DEAR AGENCY, I Remember You Well.

Dear Translation and Interpreting Agency,

At 7:00 this morning your office called me for a last minute “pop up” assignment for this afternoon or as you called it “an emergency” because another interpreter had backed out of a deposition. I was headed to a prove up hearing and I called you back as soon as I had parked at the courthouse. I quickly told you I would be available and to please send me the notice by email and I’d confirm once I got out of court. Your scheduler said she had my email address. Your company name rang a bell, and over the next hour, it gnawed at me, sounding more like a warning siren for a tornado.

As soon as I got back to my office I looked your name up in my files and sure enough you were there, in bright, bold red lettering – on my Restricted Agency List. And there was the report on you. We had history a few years back. You were scheduling me for work but you weren’t paying me on time, and you didn’t pay my late fees when you paid three months late. Yes, you had received, acknowledged, and agreed to my rates and terms in writing. You did not reply to and erased emails, then you avoided phone calls. I called colleagues in your state and learned you had several complaints from interpreters there. When I used a different phone, I finally spoke to the owner, and she was condescending and rude. She dismissed my request for payment saying,” she would pay me when she got around to it.”Longhorn reciprocal scan0001

I won’t work for you. I’m turning you down. You don’t respect subcontractors. We do the work you count on us to do and we count on you to pay us fairly and honestly. We are the fuel that keeps your business running. We expect you to manage your business professionally too.

Most probably that is the same reason the other interpreter backed out. And this is the consequence of your incompetence. You will hear “No” from the professional, licensed, and certified interpreters either because you disrespected them or they heard about your practices. You will have to send unskilled bilinguals on jobs because they will and not know how to expect to be treated right but they won’t know how to perform professionally either. Witnesses will lose the right to have their testimony heard due to the errors, which should matter above all else. Your clients will see their ineptitude and you will lose more and more clients.

Now, in the spirit of generosity, if you want to stay in this business, I will tell you how you can turn this around. You know who you have treated unfairly. Contact them and acknowledge your mistakes, apologize and make amends. Pay the full, agreed to payments that you owe. Be the better person and include interest. Prove that you know how to treat us respectfully. Then you can rejoin the ranks of the agencies for whom we gladly give our best efforts.

Sincerely yours,

The Freelance Interpreter.

One thought on “DEAR AGENCY, I Remember You Well.”
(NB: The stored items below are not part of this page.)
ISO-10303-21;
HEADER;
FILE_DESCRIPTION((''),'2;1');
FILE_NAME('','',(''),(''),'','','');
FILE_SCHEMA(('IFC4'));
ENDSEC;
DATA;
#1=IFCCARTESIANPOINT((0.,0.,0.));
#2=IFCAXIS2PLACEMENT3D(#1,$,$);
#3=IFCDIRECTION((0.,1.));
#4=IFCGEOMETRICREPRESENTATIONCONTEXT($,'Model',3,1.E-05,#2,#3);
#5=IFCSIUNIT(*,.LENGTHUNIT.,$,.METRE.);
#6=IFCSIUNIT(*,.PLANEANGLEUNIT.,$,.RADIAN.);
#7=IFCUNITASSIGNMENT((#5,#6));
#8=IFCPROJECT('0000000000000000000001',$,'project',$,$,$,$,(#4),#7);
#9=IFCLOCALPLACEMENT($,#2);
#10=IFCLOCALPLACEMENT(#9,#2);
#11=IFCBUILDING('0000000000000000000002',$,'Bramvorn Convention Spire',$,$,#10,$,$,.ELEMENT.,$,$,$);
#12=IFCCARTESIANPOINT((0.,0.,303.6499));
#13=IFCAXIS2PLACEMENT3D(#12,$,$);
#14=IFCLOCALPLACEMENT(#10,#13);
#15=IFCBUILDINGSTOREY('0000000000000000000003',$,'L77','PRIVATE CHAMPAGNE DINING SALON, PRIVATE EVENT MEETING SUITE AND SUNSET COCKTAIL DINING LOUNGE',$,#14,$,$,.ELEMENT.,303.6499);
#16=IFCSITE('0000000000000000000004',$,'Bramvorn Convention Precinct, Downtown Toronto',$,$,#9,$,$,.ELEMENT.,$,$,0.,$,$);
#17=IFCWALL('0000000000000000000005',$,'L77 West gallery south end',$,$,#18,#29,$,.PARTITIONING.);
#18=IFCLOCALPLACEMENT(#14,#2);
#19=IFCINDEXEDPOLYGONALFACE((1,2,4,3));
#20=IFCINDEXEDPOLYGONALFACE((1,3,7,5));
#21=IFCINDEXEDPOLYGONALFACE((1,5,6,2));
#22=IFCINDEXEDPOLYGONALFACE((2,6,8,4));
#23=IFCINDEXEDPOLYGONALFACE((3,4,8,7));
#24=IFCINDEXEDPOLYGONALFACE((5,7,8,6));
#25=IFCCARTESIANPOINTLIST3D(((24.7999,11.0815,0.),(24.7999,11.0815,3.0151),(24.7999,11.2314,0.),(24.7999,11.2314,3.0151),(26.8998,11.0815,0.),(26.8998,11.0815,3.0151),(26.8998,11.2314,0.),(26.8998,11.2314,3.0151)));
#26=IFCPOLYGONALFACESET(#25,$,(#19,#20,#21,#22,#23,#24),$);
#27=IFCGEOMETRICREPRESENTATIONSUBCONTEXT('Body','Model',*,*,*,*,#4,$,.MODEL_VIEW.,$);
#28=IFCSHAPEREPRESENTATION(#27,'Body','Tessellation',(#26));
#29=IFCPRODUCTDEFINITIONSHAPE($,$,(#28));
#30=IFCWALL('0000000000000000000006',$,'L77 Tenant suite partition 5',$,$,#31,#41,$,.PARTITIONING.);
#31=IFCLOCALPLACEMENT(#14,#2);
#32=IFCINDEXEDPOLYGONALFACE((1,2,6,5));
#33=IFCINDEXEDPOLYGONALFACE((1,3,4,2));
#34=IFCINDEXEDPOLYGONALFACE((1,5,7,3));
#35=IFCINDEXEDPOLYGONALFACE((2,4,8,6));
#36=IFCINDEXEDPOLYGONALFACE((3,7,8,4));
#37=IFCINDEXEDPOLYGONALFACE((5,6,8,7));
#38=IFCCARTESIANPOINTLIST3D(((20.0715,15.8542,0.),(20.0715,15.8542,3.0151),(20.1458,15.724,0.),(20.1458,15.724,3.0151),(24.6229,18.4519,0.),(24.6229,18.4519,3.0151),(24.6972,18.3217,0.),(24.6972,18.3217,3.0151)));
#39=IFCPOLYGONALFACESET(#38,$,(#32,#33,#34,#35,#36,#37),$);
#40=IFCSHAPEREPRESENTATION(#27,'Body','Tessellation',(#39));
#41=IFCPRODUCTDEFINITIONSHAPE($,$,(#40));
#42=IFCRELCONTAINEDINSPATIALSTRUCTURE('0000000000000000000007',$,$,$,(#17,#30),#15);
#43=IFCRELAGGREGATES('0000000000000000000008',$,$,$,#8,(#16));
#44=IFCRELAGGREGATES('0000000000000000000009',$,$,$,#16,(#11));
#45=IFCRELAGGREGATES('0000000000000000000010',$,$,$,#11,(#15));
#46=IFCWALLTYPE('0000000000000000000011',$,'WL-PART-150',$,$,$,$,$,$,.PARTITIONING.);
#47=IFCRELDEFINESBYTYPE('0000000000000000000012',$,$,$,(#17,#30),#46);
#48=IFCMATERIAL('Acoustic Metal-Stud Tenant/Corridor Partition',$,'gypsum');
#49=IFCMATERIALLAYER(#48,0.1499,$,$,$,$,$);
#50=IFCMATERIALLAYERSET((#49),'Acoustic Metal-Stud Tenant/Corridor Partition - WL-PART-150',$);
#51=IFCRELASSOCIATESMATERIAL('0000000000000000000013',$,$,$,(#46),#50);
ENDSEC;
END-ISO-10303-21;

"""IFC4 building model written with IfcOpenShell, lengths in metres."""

from ifc_helpers import new_model, si_unit, direction, frame, frame_2d, origin, place, context, subcontext, project, spatial, rectangle, extrude, material, layer, layer_set, type_object, element, save


model = new_model("IFC4")

# Units and contexts
model_context = context("Model", 3, precision=1e-05, world=origin(), true_north=direction((0.0, 1.0)))
body_context = subcontext(model_context, "Body", "Model", "MODEL_VIEW")
ifc_project = project(units=[si_unit("LENGTHUNIT", "METRE"), si_unit("PLANEANGLEUNIT", "RADIAN")], contexts=[model_context])

# Site, building, storey
site_placement = place(None, origin())
site = spatial("IfcSite", under=ifc_project, at=site_placement, Name="Bramvorn Convention Precinct, Downtown Toronto", CompositionType="ELEMENT", RefElevation=0.0)
building_placement = place(site_placement, origin())
building = spatial("IfcBuilding", under=site, at=building_placement, Name="Bramvorn Convention Spire", CompositionType="ELEMENT")
storey_placement = place(building_placement, frame((0.0, 0.0, 303.6499)))
storey = spatial("IfcBuildingStorey", under=building, at=storey_placement, Name="L77", Description="PRIVATE CHAMPAGNE DINING SALON, PRIVATE EVENT MEETING SUITE AND SUNSET COCKTAIL DINING LOUNGE", CompositionType="ELEMENT", Elevation=303.6499)

# Shared definitions
ifc_material_1 = material(Name="Acoustic Metal-Stud Tenant/Corridor Partition", Category="gypsum")
ifc_layer_1 = layer(ifc_material_1, 0.1499)
ifc_layer_set_1 = layer_set([ifc_layer_1], Name="Acoustic Metal-Stud Tenant/Corridor Partition - WL-PART-150")
wall_type_1 = type_object("IfcWallType", Name="WL-PART-150", PredefinedType="PARTITIONING", material=ifc_layer_set_1)

# Walls
wall_1_placement = place(storey_placement, frame((24.8, 11.1565, 0.0), z_axis=(0.0, 0.0, 1.0), x_axis=(1.0, 0.0, 0.0)))
element("IfcWall", 1, at=wall_1_placement, inside=storey, type_object=wall_type_1, Name="L77 West gallery south end", PredefinedType="PARTITIONING", context=body_context, shape_type="SweptSolid", body=[
    extrude(rectangle(XDim=2.0999, YDim=0.1499, at=frame_2d((1.0498, 0.0))), origin(), (0.0, 0.0, 1.0), 3.0151),
])
wall_2_placement = place(storey_placement, frame((24.6599, 18.3867, 0.0), z_axis=(0.0, 0.0, 1.0), x_axis=(-0.868495, -0.495697, 0.0)))
element("IfcWall", 2, at=wall_2_placement, inside=storey, type_object=wall_type_1, Name="L77 Tenant suite partition 5", PredefinedType="PARTITIONING", context=body_context, shape_type="SweptSolid", body=[
    extrude(rectangle(XDim=5.2405, YDim=0.1499, at=frame_2d((2.6201, 0.0))), origin(), (0.0, 0.0, 1.0), 3.0151),
])

save(model, "model.ifc")
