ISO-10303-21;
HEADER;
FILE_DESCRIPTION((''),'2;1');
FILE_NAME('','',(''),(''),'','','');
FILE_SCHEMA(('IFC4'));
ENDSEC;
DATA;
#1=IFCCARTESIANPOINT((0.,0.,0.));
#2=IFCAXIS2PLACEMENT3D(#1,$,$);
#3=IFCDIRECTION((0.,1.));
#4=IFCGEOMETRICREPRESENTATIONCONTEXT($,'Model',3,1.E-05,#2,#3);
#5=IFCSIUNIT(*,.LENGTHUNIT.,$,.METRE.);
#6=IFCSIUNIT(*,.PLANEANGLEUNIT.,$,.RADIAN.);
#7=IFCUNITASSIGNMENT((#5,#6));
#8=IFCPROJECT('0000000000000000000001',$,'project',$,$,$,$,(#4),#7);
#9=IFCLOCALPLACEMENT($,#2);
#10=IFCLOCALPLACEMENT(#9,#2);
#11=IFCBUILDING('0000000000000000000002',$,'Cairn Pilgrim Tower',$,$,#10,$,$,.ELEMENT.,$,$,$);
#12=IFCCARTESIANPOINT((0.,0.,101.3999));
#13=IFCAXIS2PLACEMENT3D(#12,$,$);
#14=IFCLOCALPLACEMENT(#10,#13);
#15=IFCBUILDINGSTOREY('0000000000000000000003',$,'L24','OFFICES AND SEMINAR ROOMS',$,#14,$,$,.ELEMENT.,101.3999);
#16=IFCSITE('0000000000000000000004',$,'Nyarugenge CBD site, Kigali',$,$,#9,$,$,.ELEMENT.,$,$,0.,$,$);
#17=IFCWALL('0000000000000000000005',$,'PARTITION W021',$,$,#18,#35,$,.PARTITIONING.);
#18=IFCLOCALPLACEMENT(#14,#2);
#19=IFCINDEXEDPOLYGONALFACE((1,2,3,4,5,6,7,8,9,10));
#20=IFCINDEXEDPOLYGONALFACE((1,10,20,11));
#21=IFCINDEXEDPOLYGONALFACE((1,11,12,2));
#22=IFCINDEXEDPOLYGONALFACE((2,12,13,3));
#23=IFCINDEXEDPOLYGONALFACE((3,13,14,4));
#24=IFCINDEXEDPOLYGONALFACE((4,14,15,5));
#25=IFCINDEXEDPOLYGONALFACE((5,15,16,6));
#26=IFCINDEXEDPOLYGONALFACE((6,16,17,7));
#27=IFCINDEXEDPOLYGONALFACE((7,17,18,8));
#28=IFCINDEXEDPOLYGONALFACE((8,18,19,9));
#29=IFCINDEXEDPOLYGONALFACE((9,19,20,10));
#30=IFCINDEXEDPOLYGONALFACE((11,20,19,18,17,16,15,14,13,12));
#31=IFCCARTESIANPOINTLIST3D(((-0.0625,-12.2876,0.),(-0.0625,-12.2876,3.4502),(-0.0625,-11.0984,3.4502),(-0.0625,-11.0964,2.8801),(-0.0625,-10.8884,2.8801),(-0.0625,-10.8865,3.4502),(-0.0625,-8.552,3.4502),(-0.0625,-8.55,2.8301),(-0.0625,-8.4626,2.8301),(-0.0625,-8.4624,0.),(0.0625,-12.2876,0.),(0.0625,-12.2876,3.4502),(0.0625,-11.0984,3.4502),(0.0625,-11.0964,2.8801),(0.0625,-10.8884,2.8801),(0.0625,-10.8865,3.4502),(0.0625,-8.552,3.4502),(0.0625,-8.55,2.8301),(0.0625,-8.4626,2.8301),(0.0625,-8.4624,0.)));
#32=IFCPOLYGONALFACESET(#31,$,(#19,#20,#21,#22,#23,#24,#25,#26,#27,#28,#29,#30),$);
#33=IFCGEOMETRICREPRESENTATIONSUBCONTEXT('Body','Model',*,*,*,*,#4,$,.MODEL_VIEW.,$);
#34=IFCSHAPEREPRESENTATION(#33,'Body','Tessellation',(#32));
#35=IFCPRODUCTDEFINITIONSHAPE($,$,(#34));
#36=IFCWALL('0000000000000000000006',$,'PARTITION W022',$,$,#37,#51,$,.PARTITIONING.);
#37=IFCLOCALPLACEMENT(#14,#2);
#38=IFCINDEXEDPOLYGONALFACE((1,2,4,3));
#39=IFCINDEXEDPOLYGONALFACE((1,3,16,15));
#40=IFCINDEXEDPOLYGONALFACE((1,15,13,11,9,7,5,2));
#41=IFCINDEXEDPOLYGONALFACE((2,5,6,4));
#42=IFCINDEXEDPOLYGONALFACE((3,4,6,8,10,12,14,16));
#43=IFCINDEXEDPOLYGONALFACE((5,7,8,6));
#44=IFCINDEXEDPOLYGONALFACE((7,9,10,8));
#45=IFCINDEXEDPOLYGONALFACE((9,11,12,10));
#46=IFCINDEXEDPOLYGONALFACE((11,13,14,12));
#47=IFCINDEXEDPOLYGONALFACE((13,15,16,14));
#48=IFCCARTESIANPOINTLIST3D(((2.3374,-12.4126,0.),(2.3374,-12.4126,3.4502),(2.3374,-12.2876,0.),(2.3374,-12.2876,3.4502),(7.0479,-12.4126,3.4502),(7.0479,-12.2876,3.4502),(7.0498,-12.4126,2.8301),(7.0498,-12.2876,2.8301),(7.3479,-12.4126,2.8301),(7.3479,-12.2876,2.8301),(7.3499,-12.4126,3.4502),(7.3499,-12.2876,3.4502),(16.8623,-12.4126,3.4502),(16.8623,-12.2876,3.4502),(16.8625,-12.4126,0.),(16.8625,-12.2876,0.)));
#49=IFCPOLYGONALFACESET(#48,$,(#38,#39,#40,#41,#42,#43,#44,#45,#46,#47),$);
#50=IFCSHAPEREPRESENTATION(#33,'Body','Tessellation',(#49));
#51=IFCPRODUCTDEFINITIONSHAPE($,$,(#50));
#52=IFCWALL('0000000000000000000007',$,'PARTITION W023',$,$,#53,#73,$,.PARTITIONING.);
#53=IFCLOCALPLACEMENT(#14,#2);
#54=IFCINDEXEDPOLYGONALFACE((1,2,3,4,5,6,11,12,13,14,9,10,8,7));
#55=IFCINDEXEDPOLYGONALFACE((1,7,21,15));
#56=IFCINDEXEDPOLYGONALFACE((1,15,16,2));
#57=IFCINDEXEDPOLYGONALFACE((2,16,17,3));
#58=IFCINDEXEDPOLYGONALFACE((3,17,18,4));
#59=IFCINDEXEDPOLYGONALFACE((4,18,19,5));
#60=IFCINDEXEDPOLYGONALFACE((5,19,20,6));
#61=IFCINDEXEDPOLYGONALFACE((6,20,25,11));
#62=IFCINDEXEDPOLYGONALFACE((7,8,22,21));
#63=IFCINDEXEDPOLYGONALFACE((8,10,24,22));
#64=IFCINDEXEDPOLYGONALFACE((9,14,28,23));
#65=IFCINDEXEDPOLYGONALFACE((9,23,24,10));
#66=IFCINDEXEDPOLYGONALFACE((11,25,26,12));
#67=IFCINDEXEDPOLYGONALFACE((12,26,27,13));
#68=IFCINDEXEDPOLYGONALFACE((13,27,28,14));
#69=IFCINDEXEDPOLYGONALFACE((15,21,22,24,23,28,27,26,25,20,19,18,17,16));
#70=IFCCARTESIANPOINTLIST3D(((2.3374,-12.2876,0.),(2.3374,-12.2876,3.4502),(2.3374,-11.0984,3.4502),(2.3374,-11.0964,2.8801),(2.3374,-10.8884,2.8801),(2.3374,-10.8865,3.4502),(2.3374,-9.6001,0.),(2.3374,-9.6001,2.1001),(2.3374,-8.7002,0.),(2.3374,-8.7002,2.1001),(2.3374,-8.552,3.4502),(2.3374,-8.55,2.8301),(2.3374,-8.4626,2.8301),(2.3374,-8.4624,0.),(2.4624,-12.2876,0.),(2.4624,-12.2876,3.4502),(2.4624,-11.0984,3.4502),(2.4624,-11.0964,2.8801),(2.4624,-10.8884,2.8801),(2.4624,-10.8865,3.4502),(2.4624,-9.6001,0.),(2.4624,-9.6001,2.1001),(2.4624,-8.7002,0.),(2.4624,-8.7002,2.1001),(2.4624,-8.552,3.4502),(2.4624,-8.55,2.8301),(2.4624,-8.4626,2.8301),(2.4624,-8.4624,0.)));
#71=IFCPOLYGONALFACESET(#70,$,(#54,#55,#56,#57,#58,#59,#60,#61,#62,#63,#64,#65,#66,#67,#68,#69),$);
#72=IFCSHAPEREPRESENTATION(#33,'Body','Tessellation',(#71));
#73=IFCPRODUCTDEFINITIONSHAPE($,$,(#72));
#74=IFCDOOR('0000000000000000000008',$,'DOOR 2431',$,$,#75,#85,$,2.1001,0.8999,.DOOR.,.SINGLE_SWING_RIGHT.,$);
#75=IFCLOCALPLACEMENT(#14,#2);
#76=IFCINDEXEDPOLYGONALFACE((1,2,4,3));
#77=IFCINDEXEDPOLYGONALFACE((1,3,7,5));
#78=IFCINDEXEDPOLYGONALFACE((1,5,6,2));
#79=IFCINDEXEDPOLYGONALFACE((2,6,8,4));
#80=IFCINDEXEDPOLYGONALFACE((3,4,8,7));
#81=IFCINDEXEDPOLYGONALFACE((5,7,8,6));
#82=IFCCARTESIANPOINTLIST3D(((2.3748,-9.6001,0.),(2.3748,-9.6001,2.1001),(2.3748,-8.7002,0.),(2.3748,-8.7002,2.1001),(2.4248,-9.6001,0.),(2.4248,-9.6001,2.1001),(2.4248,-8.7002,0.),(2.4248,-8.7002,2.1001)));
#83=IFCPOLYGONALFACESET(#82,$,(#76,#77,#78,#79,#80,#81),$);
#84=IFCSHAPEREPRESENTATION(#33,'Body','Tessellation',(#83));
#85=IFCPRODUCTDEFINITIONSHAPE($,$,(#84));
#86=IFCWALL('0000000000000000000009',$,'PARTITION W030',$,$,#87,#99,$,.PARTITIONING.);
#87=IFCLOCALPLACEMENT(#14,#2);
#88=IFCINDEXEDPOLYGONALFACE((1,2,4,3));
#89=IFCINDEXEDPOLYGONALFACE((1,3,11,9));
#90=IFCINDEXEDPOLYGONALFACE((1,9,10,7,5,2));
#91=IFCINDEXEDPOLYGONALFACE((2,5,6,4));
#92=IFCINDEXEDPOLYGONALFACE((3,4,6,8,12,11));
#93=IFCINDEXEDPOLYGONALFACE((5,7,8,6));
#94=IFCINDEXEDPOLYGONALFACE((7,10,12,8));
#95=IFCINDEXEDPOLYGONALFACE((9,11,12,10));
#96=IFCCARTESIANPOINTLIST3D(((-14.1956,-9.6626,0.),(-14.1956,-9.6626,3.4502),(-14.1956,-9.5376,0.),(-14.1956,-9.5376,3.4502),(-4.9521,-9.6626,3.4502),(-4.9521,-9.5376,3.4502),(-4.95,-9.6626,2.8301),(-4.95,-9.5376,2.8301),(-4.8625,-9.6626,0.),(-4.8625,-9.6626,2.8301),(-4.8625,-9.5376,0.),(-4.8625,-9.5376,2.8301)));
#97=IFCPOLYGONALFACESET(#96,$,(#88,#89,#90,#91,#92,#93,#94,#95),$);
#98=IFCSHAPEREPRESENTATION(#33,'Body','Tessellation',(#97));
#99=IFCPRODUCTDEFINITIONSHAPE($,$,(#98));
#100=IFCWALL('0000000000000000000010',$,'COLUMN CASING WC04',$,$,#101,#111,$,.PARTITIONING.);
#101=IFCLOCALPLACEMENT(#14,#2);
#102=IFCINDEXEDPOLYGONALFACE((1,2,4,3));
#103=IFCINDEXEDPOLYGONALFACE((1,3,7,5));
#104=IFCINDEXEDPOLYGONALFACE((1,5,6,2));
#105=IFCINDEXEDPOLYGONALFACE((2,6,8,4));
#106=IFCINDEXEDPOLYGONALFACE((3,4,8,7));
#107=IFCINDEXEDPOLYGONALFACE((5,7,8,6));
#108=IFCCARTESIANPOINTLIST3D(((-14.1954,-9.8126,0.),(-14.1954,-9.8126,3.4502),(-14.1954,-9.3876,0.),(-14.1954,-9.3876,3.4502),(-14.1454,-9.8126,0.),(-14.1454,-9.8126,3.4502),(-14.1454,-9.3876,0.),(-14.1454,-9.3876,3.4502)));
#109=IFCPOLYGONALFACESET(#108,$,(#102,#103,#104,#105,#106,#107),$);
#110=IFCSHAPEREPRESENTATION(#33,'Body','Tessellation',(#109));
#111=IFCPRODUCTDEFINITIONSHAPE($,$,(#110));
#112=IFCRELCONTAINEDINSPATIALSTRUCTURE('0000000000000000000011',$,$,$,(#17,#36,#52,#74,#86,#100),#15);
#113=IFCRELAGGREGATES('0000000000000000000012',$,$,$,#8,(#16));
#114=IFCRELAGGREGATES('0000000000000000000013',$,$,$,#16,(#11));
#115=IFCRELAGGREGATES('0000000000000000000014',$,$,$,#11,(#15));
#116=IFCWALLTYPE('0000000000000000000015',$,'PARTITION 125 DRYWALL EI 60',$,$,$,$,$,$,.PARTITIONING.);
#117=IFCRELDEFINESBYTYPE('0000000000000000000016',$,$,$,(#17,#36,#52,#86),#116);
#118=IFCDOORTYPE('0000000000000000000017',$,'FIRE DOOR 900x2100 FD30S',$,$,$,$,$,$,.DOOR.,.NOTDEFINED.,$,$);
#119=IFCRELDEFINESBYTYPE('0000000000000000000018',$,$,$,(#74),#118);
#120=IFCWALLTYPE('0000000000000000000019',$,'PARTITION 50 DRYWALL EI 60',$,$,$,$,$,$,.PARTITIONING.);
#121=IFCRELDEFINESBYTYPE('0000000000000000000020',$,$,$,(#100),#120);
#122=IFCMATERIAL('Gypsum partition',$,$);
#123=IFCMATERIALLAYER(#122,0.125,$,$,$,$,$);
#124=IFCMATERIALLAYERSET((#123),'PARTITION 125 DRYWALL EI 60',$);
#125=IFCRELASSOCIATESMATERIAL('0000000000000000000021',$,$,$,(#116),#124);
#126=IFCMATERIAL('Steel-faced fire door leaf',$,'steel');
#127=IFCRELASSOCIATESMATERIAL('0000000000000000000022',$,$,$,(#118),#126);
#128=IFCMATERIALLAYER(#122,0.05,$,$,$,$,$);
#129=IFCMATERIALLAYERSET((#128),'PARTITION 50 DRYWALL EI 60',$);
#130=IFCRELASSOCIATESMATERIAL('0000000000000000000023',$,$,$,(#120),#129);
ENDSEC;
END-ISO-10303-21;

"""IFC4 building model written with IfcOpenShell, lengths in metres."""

from ifc_helpers import new_model, si_unit, direction, frame, frame_2d, origin, place, context, subcontext, project, spatial, polyline, rectangle, outline, extrude, material, layer, layer_set, type_object, element, fill, save


model = new_model("IFC4")

# Units and contexts
model_context = context("Model", 3, precision=1e-05, world=origin(), true_north=direction((0.0, 1.0)))
body_context = subcontext(model_context, "Body", "Model", "MODEL_VIEW")
ifc_project = project(units=[si_unit("LENGTHUNIT", "METRE"), si_unit("PLANEANGLEUNIT", "RADIAN")], contexts=[model_context])

# Site, building, storey
site_placement = place(None, origin())
site = spatial("IfcSite", under=ifc_project, at=site_placement, Name="Nyarugenge CBD site, Kigali", CompositionType="ELEMENT", RefElevation=0.0)
building_placement = place(site_placement, origin())
building = spatial("IfcBuilding", under=site, at=building_placement, Name="Cairn Pilgrim Tower", CompositionType="ELEMENT")
storey_placement = place(building_placement, frame((0.0, 0.0, 101.3999)))
storey = spatial("IfcBuildingStorey", under=building, at=storey_placement, Name="L24", Description="OFFICES AND SEMINAR ROOMS", CompositionType="ELEMENT", Elevation=101.3999)

# Walls
ifc_material_1 = material(Name="Gypsum partition")
ifc_layer_1 = layer(ifc_material_1, 0.125)
ifc_layer_set_1 = layer_set([ifc_layer_1], Name="PARTITION 125 DRYWALL EI 60")
wall_type_1 = type_object("IfcWallType", Name="PARTITION 125 DRYWALL EI 60", PredefinedType="PARTITIONING", material=ifc_layer_set_1)
wall_1_placement = place(storey_placement, frame((0.0, -12.2876, 0.0), z_axis=(0.0, 0.0, 1.0), x_axis=(0.0, 1.0, 0.0)))
element("IfcWall", 1, at=wall_1_placement, inside=storey, type_object=wall_type_1, Name="PARTITION W021", PredefinedType="PARTITIONING", context=body_context, shape_type="SweptSolid", body=[
    extrude(outline(polyline([(0.0, 0.0), (3.8252, 0.0), (3.825, 2.8301), (3.7375, 2.8301), (3.7356, 3.4502), (1.4011, 3.4502), (1.3992, 2.8801), (1.1912, 2.8801), (1.1892, 3.4502), (0.0, 3.4502), (0.0, 0.0)])), frame((0.0, 0.0625, 0.0), z_axis=(0.0, -1.0, 0.0), x_axis=(1.0, 0.0, 0.0)), (0.0, 0.0, 1.0), 0.125),
])
wall_2_placement = place(storey_placement, frame((2.3374, -12.3501, 0.0), z_axis=(0.0, 0.0, 1.0), x_axis=(1.0, 0.0, 0.0)))
element("IfcWall", 2, at=wall_2_placement, inside=storey, type_object=wall_type_1, Name="PARTITION W022", PredefinedType="PARTITIONING", context=body_context, shape_type="SweptSolid", body=[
  1. UPDATE About a half an hour after I turned down the job, all my phones started ringing. I was called by both the law firm and the court reporter hunting for an interpreter. They were fuming over ‘damn out of state agencies” They committed to my rates and terms, they said my rates were lower than yours and yet I was earning more than you would pay me. The job was respectful and professional and I gained two new clients. Looks like you , agency, ran out of freelancers that would work with you and you lost that job and the client. This isn’t just one event. This is happening all over the country when agencies disrespect the freelancer in payment and fair contracting.